I do not think it means anything significant regarding 2012. There is a thread around where we discuss 2012, can not remember what topic it is under. For you it may mean that perhaps something of significance will happen for you around that time.

----------


## d&g

for me it is 11:14 or a variation thereof. It also started with 11:11 and then got through different ones - 12:12 and so on. It is hard to know the significance but I notice that these sightings snatch me out of the ordinary wakeful sleep. Sort of like a wakeup signal. If you try to observe what surrounds the moment of the sighting - what circumstances, thoughts, your body movements and so on, you will notice that it is hard to say what causes what - does the number cause you to look at it, or is it your own consciousness that starts noticing these numbers. Finally, you will understand that the truth is somewhere in the middle.

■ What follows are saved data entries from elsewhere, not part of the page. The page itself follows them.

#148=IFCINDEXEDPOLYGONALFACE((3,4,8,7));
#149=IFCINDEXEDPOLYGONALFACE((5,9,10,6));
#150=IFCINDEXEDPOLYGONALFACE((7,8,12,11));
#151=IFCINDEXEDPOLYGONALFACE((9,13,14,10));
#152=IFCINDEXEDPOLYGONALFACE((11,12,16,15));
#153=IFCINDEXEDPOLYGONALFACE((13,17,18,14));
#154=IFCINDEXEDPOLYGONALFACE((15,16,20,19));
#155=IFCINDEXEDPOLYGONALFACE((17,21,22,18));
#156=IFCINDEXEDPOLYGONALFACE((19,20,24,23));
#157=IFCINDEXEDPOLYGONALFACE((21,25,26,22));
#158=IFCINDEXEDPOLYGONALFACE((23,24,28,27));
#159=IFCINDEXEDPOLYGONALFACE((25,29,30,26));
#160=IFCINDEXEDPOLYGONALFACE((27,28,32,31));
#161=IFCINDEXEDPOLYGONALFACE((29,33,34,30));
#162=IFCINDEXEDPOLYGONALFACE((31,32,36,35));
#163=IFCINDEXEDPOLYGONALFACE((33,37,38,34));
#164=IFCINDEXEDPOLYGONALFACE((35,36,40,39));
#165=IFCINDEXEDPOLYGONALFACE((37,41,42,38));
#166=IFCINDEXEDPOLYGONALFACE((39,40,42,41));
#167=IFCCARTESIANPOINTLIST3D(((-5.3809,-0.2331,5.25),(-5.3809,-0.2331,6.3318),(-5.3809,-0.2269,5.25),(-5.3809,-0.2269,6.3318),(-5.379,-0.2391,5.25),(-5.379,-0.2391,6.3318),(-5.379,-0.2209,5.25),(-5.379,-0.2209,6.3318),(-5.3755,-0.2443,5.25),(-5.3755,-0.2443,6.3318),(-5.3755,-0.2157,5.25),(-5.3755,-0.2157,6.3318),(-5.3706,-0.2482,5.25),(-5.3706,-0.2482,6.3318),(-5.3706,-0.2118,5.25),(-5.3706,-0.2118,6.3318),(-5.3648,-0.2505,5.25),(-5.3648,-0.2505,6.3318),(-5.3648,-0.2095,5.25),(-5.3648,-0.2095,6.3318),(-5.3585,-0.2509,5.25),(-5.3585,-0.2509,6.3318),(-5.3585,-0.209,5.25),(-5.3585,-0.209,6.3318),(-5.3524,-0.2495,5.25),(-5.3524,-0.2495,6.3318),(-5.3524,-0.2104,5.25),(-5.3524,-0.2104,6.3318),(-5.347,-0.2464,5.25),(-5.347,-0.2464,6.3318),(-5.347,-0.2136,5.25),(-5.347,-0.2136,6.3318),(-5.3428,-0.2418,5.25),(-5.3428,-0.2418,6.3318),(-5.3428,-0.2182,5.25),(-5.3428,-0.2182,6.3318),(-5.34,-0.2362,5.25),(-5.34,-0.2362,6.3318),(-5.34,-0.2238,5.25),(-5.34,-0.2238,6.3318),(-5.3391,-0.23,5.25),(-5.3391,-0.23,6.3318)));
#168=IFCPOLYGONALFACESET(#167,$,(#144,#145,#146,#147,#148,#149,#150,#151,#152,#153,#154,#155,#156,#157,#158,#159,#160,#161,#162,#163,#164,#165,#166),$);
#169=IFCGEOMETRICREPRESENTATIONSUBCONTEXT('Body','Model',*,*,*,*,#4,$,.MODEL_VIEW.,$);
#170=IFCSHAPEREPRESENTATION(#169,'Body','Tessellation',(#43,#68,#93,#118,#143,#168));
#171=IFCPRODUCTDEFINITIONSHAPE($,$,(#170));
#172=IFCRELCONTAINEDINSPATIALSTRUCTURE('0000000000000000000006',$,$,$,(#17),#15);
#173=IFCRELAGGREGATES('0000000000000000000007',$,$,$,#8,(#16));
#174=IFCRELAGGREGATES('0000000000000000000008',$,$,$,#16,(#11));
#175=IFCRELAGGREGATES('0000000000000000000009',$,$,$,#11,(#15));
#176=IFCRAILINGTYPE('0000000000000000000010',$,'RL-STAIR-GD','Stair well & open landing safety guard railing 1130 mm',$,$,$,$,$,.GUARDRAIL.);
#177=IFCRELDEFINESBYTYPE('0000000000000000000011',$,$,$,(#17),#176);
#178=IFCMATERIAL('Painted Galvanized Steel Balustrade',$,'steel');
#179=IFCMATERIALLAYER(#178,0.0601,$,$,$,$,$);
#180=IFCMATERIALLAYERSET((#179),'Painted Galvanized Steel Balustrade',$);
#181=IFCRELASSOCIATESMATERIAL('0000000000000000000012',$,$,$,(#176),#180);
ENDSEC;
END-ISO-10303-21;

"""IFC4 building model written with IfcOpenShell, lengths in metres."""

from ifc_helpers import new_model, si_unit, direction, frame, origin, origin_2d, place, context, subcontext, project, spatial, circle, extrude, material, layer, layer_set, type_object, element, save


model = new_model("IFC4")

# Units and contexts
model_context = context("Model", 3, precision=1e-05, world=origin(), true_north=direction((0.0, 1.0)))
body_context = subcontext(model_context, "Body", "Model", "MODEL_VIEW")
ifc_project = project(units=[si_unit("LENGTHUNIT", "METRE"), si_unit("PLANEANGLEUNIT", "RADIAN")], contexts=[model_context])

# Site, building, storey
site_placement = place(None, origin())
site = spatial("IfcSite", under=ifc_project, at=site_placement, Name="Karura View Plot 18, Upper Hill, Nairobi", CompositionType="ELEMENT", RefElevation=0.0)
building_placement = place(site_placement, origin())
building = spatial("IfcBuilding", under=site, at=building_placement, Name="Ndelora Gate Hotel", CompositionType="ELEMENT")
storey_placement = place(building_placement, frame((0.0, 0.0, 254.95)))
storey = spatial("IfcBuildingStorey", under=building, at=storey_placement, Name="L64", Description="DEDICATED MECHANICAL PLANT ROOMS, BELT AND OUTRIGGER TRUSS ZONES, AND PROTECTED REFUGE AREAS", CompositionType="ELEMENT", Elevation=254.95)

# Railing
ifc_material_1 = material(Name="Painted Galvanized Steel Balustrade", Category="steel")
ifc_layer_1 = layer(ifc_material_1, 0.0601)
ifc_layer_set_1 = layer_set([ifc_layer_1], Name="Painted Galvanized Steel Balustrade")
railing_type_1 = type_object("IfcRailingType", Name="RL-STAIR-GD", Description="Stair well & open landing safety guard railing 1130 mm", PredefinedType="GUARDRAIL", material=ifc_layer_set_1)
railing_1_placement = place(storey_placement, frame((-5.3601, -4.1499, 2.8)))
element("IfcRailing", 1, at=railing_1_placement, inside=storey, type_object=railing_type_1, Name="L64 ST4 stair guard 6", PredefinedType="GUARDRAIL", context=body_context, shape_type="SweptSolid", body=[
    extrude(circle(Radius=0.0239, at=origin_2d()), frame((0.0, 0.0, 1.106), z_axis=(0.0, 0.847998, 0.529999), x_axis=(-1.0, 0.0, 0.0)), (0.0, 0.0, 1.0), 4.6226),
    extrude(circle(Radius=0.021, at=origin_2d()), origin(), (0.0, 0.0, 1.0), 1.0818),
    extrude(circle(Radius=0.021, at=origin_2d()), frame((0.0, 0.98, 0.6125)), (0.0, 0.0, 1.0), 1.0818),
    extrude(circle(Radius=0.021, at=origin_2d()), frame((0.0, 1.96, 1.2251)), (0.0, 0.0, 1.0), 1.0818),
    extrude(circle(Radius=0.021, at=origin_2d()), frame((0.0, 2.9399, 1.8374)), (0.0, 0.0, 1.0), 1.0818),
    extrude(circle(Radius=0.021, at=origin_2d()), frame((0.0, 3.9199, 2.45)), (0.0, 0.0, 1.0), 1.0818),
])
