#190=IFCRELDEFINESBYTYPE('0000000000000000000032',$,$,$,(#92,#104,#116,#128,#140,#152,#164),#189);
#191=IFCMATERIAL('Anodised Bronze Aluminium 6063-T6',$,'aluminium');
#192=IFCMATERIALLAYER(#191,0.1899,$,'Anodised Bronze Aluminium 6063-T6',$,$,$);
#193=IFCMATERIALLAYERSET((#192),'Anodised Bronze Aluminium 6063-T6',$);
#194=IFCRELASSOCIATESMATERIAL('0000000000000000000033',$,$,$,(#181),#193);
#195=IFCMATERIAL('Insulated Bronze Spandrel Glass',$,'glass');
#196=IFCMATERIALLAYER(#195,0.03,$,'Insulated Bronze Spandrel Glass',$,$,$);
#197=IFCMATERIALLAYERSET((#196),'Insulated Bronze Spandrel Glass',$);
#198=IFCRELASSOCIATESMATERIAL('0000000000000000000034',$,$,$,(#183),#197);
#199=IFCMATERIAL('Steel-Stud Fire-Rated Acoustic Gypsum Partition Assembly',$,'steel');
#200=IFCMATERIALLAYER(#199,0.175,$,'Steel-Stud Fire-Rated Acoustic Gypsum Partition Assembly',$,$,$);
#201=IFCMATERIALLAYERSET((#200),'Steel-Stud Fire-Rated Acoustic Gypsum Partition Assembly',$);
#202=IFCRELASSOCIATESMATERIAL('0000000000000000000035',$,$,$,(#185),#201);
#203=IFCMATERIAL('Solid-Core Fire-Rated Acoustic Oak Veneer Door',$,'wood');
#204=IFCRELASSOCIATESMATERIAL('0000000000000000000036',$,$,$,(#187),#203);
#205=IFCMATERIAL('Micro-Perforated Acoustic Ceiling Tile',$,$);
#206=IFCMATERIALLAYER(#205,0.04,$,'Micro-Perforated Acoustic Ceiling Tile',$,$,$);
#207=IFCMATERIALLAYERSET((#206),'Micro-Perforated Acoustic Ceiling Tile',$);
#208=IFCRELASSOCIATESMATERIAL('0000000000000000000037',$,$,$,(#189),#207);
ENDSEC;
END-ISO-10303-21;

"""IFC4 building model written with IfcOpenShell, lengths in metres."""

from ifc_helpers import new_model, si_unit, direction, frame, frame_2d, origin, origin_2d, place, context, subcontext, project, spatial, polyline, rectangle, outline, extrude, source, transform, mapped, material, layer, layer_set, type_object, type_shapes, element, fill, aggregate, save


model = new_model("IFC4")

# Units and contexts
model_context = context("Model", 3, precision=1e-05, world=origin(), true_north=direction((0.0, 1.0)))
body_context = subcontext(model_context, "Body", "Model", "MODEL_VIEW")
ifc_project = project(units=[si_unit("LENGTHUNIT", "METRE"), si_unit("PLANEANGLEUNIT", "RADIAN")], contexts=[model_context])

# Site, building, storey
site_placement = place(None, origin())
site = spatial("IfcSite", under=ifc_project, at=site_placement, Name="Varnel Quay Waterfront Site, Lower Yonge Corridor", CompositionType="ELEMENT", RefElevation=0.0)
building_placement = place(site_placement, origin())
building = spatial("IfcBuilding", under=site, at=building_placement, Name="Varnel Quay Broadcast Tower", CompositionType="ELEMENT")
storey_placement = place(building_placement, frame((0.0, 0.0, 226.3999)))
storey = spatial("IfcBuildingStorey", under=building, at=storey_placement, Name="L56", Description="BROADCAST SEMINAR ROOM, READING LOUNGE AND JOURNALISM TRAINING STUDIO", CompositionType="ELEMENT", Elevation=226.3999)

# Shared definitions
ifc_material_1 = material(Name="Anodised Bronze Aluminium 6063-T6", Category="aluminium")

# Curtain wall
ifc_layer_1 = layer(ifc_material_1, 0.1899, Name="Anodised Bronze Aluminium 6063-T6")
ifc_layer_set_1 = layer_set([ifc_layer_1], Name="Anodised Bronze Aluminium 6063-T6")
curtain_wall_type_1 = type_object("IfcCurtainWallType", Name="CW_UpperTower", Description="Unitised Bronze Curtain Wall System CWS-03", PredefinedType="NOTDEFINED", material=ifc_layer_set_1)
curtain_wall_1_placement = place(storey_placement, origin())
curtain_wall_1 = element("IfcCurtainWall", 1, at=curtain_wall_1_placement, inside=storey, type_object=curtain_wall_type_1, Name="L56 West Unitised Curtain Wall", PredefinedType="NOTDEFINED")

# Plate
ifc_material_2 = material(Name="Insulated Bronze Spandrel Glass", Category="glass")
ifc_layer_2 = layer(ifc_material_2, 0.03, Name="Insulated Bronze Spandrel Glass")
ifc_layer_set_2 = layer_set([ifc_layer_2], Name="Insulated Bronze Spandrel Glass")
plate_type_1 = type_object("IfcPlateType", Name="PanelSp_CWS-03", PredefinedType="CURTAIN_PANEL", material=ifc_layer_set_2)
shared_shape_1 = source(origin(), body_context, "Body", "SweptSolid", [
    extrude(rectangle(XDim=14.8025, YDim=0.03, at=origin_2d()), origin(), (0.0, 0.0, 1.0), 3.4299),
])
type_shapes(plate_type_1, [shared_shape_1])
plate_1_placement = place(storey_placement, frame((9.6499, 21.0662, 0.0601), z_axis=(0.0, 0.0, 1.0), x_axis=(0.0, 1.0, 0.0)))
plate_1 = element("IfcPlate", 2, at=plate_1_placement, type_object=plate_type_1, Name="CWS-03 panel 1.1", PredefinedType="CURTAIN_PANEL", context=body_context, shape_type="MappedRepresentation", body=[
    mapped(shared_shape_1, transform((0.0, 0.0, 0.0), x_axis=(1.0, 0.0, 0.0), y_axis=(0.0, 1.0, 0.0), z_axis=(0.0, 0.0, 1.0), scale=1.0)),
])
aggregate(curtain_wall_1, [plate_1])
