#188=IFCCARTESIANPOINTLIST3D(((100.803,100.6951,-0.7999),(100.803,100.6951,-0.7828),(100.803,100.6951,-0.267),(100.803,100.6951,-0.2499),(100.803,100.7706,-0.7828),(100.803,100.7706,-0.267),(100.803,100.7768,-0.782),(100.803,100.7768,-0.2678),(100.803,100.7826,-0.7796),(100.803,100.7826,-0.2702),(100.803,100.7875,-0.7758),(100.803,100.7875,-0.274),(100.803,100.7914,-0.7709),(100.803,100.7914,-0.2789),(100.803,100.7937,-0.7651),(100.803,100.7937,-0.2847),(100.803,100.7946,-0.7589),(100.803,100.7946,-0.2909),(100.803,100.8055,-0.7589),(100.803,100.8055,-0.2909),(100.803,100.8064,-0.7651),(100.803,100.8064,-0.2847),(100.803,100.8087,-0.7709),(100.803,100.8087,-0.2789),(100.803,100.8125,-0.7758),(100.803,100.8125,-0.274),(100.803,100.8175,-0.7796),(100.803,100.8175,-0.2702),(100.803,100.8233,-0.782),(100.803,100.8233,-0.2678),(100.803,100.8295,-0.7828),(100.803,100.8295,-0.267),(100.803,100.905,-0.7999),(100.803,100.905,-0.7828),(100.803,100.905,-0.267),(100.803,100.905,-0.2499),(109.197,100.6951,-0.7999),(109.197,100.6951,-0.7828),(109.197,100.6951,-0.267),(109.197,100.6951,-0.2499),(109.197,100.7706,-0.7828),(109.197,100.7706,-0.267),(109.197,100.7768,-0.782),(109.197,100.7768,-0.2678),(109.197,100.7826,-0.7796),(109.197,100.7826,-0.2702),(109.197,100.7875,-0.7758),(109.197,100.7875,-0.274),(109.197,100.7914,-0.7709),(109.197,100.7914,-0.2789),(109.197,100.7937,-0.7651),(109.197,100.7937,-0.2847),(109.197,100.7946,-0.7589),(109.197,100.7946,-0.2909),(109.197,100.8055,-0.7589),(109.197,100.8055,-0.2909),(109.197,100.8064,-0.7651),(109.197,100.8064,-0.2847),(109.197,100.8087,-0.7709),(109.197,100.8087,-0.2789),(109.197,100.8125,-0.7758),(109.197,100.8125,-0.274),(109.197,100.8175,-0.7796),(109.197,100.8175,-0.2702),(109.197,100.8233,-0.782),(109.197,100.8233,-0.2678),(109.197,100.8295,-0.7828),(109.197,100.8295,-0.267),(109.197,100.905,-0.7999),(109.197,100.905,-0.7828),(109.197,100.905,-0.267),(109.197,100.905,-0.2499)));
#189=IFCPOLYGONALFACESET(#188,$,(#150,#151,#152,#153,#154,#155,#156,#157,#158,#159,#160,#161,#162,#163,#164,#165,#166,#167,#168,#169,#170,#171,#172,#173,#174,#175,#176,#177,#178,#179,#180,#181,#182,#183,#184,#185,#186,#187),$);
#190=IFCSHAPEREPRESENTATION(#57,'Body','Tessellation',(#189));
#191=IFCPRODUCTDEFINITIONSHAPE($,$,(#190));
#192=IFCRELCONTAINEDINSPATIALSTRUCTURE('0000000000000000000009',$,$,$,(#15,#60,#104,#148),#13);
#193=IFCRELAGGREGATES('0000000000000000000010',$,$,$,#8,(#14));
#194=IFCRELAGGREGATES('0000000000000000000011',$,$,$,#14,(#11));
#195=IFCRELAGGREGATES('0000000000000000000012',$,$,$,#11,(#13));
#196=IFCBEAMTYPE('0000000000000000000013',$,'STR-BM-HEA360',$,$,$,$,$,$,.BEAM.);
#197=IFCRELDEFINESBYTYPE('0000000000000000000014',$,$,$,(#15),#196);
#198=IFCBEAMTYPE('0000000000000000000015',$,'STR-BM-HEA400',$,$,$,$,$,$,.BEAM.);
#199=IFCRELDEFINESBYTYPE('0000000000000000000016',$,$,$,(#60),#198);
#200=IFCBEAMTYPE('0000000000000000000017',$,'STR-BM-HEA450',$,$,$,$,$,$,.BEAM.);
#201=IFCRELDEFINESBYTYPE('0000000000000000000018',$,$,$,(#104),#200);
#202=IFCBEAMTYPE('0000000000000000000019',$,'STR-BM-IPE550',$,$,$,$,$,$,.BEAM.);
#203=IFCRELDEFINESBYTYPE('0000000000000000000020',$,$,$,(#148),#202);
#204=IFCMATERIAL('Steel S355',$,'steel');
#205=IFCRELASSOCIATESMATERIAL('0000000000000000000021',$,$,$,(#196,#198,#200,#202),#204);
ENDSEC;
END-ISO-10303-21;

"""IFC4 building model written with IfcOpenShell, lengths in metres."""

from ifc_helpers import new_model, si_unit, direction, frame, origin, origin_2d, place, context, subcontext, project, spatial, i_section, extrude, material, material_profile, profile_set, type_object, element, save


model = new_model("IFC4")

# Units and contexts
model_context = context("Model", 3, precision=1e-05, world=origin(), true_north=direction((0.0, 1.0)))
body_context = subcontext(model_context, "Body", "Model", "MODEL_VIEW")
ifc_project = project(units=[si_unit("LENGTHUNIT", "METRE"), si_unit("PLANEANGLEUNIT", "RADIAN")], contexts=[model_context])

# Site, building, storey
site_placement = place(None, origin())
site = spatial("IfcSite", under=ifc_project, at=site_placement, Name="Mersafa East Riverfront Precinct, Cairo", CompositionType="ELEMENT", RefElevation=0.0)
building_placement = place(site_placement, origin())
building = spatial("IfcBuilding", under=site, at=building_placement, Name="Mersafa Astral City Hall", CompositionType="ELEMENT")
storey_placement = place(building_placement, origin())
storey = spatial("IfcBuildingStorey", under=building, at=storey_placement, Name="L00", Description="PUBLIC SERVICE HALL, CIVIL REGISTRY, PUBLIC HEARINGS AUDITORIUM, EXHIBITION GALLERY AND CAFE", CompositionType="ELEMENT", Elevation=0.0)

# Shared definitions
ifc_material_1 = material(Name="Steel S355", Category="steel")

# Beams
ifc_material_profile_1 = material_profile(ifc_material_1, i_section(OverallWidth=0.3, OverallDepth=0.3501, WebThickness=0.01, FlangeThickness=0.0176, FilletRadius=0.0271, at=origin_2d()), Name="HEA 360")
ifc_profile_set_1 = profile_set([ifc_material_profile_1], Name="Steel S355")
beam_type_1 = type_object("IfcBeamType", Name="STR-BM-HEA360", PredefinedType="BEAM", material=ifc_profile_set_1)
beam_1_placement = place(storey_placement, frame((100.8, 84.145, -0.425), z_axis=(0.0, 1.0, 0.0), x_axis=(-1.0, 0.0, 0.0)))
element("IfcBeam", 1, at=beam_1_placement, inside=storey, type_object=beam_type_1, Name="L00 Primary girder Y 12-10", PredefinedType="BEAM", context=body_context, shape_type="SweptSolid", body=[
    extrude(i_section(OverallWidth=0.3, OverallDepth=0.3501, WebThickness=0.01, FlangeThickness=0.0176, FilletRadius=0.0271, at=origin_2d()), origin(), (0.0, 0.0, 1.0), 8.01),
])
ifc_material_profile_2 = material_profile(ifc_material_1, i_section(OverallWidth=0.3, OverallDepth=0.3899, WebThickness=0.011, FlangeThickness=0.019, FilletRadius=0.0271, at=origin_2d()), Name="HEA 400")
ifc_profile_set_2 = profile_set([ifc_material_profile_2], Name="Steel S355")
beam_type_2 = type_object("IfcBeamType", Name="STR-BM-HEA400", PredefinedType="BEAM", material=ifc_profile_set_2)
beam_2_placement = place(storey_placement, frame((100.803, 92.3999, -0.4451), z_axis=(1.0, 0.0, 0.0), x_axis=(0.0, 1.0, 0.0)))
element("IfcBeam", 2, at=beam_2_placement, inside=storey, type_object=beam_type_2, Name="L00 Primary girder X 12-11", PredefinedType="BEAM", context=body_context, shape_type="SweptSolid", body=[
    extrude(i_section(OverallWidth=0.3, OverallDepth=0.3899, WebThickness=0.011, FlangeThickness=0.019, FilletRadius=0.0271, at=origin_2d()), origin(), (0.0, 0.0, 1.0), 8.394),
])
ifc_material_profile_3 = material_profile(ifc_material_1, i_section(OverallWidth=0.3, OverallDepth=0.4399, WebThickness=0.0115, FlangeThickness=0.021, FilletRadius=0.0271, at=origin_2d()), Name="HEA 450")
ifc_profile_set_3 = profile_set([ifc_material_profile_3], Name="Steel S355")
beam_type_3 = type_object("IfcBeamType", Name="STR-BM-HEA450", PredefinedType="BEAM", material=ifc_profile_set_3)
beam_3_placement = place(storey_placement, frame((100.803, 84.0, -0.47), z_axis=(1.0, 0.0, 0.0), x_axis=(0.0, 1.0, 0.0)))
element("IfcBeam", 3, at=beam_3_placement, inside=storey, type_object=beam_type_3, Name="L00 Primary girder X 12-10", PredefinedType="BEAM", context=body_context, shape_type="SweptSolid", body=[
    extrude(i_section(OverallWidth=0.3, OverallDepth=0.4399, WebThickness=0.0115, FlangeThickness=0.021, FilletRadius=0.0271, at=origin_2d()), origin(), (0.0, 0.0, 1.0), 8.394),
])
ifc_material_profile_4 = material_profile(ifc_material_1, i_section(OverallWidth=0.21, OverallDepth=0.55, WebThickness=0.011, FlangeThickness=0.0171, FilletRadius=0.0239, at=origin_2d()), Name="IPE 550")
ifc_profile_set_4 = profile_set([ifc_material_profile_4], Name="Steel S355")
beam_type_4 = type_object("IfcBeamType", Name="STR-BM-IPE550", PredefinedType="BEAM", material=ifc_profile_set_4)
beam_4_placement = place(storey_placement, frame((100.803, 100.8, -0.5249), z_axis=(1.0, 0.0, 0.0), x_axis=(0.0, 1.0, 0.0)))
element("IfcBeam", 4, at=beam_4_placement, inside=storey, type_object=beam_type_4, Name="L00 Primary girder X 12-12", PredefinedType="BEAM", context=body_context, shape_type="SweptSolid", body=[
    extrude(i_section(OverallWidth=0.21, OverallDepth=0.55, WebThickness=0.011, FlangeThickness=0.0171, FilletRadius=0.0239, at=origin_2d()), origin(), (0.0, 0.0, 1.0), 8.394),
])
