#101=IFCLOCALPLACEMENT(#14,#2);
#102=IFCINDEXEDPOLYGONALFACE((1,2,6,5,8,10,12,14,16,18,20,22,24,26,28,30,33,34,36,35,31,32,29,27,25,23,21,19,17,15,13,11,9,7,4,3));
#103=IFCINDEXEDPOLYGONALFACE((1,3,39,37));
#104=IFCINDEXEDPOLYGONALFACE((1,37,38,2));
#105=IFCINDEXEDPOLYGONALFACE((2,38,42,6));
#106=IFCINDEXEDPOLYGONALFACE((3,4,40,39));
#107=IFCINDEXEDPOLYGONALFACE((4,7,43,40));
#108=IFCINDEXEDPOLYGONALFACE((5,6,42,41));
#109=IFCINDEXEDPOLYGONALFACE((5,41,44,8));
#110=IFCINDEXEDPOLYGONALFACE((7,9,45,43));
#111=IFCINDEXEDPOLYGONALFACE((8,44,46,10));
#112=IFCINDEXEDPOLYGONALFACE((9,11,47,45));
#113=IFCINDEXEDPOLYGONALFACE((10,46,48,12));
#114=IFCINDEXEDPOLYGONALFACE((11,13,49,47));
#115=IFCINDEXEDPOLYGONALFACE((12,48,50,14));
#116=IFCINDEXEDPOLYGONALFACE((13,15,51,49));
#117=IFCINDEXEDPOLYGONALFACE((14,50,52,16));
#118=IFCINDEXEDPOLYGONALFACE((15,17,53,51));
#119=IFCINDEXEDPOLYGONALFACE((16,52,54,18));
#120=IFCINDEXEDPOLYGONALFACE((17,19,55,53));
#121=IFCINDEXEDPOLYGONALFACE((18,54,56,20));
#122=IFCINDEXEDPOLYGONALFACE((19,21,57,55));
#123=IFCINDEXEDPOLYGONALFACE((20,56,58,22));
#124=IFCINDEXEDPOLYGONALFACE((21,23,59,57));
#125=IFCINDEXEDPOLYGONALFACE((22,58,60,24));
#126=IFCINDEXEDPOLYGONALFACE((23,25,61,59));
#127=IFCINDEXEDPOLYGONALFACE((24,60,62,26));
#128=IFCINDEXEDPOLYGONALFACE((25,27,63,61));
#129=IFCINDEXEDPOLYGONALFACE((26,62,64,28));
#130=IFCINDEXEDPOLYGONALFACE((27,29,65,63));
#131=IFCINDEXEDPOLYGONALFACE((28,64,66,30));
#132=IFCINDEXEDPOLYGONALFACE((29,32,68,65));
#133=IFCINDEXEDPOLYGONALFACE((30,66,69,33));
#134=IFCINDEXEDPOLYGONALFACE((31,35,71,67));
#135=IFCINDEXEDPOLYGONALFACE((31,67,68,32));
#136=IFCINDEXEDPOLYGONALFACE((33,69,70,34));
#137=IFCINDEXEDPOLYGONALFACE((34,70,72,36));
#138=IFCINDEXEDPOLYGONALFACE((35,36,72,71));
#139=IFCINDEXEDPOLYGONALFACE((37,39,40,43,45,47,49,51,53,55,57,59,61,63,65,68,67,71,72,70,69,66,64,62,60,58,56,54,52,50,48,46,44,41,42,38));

Either way, congratulations and welcome to the club - your perception of reality is going to get a great boost!

----------


## Odin

some years back some people in the meta psychic community were all a gast with the thought of the date of 11/11 which there was supposed to be a major influx of energy that was going to embodied this was back in the middle eighties that this was talked about 

I would think that it would be more associated with the date 11/11/11 instead of 2012
being that 11 being a master number and any multiple of example 11, 22, 33, 44, .......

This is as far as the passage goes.